No, seriously, I do. Erikson has invested his world with some truly amazing depth and a truly astounding scope, and it’s perfectly delightful to behold.

For example, Erikson manages to detail a complex, interwoven set of magical systems – yet, at the same time, his magic feels magical. He manages to sidestep the trap of making magic nothing more than an alternative physics, but he also doesn’t cheat by simply drawing a curtain across its workings.

Another remarkable thing about Gardens of the Moon is the history. Its so thick that it seems to ooze right off the page. And its not just the world which has received this lavish attention: Every single character has been gifted with a rich backstory that, once it becomes apparent, gives them a life and vitality and reality all their own.

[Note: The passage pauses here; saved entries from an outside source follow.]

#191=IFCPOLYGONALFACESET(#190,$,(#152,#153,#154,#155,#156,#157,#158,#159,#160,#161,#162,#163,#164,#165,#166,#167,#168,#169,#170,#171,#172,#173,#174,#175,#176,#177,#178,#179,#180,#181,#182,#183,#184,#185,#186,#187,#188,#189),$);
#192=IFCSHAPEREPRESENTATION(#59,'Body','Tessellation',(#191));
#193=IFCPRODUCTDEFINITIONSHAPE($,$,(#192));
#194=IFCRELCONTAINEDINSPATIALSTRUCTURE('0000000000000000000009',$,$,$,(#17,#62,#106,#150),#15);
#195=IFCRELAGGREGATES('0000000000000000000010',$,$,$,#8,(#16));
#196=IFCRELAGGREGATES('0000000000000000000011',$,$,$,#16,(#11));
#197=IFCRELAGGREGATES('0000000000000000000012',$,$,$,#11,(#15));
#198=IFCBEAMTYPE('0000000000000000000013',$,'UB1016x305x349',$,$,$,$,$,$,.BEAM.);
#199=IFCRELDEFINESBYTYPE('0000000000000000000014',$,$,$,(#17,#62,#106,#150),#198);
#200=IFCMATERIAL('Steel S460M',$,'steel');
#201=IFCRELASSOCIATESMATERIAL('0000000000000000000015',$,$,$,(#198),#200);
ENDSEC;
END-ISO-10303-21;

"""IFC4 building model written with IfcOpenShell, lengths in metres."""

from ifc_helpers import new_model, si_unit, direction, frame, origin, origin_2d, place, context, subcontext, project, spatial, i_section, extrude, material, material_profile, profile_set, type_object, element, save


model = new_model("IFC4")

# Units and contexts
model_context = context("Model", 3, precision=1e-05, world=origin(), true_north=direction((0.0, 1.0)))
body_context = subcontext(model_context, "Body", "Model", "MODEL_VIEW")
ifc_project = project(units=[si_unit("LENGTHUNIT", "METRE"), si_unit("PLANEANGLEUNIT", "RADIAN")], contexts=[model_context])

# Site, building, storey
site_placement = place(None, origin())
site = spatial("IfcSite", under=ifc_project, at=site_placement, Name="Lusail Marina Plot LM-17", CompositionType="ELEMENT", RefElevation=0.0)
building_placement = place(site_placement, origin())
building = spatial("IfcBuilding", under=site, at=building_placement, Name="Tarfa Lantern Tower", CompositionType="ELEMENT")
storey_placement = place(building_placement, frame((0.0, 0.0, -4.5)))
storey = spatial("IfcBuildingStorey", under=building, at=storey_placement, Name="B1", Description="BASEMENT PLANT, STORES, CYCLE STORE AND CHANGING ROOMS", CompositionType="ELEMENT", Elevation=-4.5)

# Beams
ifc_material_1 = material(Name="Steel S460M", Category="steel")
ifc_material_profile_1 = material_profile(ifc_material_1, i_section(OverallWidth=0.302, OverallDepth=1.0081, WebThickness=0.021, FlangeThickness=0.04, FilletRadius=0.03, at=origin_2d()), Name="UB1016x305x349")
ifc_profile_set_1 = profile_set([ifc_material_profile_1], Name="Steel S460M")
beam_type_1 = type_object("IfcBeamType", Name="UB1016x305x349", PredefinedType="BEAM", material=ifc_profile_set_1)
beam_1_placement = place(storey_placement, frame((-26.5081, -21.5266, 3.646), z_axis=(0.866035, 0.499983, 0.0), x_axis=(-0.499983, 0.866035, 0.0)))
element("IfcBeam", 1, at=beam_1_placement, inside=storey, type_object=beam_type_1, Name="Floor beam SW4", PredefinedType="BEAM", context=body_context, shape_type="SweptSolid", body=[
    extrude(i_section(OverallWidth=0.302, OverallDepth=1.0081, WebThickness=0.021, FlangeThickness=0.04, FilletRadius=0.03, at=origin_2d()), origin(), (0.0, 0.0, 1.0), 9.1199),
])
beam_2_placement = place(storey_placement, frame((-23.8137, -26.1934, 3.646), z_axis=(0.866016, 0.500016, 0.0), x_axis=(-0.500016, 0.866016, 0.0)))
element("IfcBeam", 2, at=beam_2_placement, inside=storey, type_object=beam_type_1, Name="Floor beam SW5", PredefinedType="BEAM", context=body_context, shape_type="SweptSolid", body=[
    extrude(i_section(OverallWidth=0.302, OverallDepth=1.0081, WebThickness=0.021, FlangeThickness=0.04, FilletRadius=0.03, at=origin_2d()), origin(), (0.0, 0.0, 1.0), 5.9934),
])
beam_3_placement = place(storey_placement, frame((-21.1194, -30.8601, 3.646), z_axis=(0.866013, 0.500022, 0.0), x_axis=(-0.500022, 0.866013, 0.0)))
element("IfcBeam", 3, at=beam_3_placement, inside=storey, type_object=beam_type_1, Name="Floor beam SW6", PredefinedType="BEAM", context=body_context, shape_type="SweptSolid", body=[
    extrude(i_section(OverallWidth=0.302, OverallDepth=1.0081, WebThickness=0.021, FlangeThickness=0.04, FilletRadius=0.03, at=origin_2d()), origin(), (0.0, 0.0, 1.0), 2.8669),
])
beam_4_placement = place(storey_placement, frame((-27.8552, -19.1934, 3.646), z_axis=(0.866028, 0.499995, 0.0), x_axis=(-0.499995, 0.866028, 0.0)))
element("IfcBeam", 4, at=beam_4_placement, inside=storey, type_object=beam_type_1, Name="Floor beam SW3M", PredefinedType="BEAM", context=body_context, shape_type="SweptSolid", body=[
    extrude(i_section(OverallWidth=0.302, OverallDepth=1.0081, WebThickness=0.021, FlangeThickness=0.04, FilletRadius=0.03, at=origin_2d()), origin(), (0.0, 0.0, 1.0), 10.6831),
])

I could rave on for quite some time in this vein, because Erikson has truly created a marvelously complex and lovingly detailed world: A work of art with few equals.

Unfortunately, not everything about Gardens of the Moon is so deserving of praise. The book is, to put it bluntly, very rough around the edges. Where Erikson succeeds so brilliantly at evoking a world and creating a compelling plot, he frequently falls down when it comes to prose and (most importantly) basic storytelling. And what is perhaps most frustrating about these latter flaws is that you can see, here and there throughout the book, that he is capable of so much better.

It was nearly 150 pages before I began to have something resembling a firm grasp on what was happening. Erikson dumps you right into the middle of a complex society, history, cast of characters, and action – and then skips around like a rabid rabbit, flashing forward and backward in time, between characters, and across continents.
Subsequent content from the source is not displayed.